The Elon Musk-Twitter relationship, which has been repeated over and over again, took a new turn on Thursday when the world’s richest man made a hostile offer to buy the entire company for more than $ 43 billion.

In a regulatory request, Twitter revealed that Musk had offered to buy all the company’s unpaid shares for $ 54.20 per share. With 800 million shares available, the company is valued at just over $ 43 billion.

Speaking at a TED conference in Vancouver on Thursday, Musk said his motives were not financial, but rather the desire to preserve the “public square” that Twitter has become.

“It’s not a way to make money … I don’t care about the economy at all,” he said.

“It’s just my strong and intuitive feeling … that having a public platform that’s as trusted and inclusive as possible is crucial to the future of civilization,” said Musk, Tesla’s chief executive.

I made an offer https://t.co/VvreuPMeLu

– @elonmusk

“The truth is very important to me,” he said of his motives. “You’re kind of pathological, that matters to me.”

The move is the latest in a month-long saga between Musk and Twitter, after it became clear in early April that he had quietly bought more than 73 million shares in the company – more than any other individual or entity owns.

This led to his invitation to join the company’s board of directors, but this overture fell apart days later.

WATCH Musk’s share on Twitter raises questions about his plans:

Elon Musk has become the largest shareholder on Twitter, raising questions about the motive

With an unexpected move, Tesla CEO Elon Musk acquired a 9.2% stake in Twitter – becoming the company’s largest shareholder in social media.

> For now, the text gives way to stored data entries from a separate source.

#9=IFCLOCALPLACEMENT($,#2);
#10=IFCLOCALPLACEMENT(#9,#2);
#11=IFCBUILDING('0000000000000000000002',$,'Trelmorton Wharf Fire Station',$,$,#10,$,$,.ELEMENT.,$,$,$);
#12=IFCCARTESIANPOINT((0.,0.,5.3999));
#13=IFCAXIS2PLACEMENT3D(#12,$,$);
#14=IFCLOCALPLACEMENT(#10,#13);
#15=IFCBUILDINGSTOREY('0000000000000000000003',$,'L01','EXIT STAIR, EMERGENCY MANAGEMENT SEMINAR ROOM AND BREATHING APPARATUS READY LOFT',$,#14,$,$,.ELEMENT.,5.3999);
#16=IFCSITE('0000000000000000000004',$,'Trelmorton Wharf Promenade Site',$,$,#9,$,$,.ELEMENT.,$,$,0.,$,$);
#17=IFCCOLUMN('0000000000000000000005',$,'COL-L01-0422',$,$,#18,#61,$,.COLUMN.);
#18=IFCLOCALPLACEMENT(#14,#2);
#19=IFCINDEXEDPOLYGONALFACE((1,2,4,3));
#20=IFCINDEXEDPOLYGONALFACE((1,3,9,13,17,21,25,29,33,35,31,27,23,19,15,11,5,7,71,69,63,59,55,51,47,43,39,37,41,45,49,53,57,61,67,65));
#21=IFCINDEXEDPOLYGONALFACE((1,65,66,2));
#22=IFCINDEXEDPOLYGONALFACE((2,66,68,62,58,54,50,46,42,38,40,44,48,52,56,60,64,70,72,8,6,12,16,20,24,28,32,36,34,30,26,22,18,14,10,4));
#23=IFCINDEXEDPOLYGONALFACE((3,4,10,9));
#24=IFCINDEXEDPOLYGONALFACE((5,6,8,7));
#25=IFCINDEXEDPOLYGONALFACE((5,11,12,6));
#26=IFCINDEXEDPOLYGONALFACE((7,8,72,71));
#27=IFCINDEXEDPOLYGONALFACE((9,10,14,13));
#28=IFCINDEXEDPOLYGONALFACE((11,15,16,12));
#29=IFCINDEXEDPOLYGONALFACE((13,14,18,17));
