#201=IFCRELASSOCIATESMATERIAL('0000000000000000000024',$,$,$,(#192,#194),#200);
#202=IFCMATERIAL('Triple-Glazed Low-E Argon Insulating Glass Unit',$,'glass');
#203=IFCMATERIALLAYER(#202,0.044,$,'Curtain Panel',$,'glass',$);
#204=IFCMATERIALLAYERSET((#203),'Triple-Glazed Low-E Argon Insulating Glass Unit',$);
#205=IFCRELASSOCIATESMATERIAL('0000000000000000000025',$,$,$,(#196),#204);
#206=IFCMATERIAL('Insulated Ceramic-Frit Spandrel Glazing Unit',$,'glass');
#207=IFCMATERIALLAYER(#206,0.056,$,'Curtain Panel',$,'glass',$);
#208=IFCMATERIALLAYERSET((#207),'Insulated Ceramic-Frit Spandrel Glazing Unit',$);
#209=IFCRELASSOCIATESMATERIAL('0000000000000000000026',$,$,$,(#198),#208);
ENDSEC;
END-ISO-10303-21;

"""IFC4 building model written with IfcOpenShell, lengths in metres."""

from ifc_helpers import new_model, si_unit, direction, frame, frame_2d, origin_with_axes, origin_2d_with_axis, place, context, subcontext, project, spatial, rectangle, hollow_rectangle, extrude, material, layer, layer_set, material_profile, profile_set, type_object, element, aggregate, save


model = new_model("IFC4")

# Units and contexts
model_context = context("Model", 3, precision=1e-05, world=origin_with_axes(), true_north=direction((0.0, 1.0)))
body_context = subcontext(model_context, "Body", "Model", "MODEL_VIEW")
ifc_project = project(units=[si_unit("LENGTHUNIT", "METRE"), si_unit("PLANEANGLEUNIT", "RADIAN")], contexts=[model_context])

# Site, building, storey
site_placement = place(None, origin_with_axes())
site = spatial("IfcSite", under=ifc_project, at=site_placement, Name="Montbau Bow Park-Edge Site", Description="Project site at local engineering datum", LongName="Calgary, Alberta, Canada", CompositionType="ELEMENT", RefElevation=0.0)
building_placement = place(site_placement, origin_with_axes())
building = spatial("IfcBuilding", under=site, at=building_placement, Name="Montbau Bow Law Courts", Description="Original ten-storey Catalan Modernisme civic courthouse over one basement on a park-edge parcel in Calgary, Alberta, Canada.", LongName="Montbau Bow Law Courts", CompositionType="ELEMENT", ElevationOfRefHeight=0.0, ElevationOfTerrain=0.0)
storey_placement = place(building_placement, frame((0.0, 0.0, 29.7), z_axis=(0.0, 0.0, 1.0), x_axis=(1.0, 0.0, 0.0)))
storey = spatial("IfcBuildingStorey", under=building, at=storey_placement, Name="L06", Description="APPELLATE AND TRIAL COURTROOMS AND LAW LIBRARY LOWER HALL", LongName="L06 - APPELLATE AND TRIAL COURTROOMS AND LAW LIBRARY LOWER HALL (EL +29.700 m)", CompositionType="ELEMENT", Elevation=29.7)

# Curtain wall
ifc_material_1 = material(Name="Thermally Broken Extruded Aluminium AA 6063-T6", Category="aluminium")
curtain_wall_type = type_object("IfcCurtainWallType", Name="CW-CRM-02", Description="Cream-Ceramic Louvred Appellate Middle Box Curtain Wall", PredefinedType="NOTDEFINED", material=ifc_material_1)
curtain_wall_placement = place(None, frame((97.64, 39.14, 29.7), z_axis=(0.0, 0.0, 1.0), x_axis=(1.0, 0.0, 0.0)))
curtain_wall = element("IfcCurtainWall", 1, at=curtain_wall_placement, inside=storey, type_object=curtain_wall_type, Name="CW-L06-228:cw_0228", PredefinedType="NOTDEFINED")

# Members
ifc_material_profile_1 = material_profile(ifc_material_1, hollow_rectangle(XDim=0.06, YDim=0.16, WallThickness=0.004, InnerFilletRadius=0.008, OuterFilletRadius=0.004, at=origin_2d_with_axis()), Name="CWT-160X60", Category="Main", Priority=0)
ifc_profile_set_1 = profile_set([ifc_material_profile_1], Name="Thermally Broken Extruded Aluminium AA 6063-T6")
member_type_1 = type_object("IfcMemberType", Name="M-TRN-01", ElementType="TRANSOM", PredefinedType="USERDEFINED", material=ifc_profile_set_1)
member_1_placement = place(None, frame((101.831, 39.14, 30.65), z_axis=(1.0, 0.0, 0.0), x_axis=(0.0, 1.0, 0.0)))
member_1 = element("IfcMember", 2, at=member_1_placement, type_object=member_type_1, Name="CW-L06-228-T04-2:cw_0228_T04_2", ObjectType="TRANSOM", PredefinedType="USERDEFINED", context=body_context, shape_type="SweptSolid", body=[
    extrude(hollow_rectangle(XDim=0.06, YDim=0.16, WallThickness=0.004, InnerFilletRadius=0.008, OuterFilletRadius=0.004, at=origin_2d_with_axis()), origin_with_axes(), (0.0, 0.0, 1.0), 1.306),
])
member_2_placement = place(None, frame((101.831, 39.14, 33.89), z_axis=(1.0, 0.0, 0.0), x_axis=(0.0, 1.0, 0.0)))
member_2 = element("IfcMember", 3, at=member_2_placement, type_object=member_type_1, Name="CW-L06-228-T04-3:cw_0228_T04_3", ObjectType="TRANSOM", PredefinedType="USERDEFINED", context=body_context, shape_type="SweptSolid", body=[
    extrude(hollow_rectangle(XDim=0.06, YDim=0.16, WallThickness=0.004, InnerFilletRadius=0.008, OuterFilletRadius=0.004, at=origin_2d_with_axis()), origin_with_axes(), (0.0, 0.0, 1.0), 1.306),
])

Musk has not made public a motive, but some experts say they are worried he could use his share to change the tone of Twitter. 2:02

Musk called his hostile takeover offer his “best and final price” for the company, but he acknowledged that the deal was far from certain.

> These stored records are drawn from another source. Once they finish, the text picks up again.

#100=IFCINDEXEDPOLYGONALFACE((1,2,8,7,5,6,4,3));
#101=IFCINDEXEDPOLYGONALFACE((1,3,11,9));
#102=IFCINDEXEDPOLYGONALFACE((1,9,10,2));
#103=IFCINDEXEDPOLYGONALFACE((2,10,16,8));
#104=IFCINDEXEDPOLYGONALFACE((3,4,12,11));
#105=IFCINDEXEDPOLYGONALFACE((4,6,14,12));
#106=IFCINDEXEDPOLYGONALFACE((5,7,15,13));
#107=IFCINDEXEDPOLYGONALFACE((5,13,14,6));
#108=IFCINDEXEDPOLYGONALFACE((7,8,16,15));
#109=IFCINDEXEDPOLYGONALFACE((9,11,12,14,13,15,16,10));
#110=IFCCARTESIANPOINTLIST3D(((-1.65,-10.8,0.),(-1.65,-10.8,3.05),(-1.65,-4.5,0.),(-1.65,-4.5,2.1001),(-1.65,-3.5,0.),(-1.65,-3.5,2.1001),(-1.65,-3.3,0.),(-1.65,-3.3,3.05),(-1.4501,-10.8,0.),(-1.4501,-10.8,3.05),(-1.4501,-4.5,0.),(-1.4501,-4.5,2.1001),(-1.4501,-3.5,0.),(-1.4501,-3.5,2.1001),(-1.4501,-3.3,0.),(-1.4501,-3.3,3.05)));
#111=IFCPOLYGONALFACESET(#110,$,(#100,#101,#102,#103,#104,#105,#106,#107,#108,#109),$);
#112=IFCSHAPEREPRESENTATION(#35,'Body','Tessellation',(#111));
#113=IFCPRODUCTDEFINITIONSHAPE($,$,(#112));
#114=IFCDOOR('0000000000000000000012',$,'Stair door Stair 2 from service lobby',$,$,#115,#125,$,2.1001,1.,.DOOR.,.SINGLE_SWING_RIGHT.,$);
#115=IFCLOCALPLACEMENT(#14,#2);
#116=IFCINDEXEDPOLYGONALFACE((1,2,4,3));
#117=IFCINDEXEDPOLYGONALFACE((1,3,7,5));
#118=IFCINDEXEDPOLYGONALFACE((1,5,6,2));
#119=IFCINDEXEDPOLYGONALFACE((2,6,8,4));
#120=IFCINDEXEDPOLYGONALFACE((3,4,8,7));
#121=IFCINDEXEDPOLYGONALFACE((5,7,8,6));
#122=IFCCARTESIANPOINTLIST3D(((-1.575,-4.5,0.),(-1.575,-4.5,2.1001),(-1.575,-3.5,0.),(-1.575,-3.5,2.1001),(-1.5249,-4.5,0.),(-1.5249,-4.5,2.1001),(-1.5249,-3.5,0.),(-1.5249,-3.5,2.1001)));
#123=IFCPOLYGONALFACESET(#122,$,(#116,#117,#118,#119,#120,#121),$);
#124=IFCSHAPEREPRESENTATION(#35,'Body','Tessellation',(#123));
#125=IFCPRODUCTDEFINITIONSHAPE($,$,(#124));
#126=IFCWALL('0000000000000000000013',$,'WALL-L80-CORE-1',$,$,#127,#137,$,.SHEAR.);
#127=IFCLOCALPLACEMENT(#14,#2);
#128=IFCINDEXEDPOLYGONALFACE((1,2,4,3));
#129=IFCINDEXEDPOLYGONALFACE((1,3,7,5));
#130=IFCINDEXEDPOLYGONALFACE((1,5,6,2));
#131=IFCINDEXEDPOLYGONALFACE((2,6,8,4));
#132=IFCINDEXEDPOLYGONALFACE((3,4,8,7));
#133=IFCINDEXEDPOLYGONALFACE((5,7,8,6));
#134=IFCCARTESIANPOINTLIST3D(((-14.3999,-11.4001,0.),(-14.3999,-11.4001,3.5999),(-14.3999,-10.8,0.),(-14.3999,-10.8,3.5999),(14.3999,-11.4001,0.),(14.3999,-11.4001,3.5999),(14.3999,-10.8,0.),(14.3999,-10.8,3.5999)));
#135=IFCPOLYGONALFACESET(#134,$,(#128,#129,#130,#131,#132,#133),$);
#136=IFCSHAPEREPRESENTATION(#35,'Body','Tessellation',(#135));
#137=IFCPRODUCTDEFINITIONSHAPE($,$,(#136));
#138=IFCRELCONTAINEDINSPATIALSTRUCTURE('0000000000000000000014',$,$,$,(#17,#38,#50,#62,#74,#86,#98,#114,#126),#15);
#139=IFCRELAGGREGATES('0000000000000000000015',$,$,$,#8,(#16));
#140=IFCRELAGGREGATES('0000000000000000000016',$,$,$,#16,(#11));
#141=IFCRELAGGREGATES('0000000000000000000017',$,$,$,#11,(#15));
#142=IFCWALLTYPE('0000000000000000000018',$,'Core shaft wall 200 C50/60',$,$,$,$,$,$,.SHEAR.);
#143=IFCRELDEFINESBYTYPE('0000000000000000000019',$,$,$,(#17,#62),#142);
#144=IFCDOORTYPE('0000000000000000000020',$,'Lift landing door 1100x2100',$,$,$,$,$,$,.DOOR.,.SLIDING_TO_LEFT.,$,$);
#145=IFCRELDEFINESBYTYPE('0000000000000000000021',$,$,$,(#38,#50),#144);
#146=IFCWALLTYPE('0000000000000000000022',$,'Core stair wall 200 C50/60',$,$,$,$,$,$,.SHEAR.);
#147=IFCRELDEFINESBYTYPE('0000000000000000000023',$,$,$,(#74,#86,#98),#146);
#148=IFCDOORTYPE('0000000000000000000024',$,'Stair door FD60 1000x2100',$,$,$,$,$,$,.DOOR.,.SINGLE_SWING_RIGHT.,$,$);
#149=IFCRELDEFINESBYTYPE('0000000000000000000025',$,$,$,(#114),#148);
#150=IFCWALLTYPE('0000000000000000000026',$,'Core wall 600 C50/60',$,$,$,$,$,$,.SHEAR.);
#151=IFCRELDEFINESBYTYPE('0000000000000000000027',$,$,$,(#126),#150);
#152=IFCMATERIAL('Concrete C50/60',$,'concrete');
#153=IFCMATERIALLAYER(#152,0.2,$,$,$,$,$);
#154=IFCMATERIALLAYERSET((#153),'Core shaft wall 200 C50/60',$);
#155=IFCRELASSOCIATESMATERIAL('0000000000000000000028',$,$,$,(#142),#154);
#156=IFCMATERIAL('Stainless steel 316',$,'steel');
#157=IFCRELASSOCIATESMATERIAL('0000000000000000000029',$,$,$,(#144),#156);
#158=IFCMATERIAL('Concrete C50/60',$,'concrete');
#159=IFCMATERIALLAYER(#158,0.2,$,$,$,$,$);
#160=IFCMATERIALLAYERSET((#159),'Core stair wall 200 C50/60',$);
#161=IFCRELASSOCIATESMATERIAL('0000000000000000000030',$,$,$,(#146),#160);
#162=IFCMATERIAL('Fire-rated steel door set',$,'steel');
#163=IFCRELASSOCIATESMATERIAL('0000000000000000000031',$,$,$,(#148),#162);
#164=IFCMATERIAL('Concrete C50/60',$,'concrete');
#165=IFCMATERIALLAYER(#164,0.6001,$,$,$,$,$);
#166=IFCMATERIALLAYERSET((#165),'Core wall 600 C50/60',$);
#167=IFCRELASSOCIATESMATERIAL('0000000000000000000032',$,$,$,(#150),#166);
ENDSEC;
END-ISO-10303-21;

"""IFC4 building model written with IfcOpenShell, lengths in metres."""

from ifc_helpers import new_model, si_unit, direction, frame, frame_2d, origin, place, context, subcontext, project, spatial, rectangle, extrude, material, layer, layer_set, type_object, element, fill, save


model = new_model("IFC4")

Investors seem to think the deal is highly questionable, as the stock is trading at $ 45 a share on Thursday, well below Musk’s offer price.

What happens next

“Investors are not expecting another offer or a bidding war,” said Colin Ceszynski, a strategist at SIA Wealth Management in Toronto.

Daniel Ives, an analyst at Wedbush Securities in New York, told CBC News in an email that he believes it could take between 30 and 45 days for the process to settle, but he ultimately believes Musk will be successful.

“This soap opera will end with Musk owning Twitter after this aggressively hostile takeover of the company,” Ives said.

WATCH A technical analyst says Musk will eventually win:

An analyst disrupts Musk’s move on Twitter

Wedbush Securities analyst Dan Ives discusses why Elon Musk is trying to buy Twitter and whether the hostile takeover of the billionaire is likely to succeed or not. 3:39

The multi-billionaire has been a staunch critic of Twitter in recent weeks, largely because he believes he doesn’t live up to the principles of free speech.

The social media platform has angered followers of former US President Donald Trump and other far-right political figures whose accounts have been suspended for violating content standards for violence, hatred or harmful misinformation.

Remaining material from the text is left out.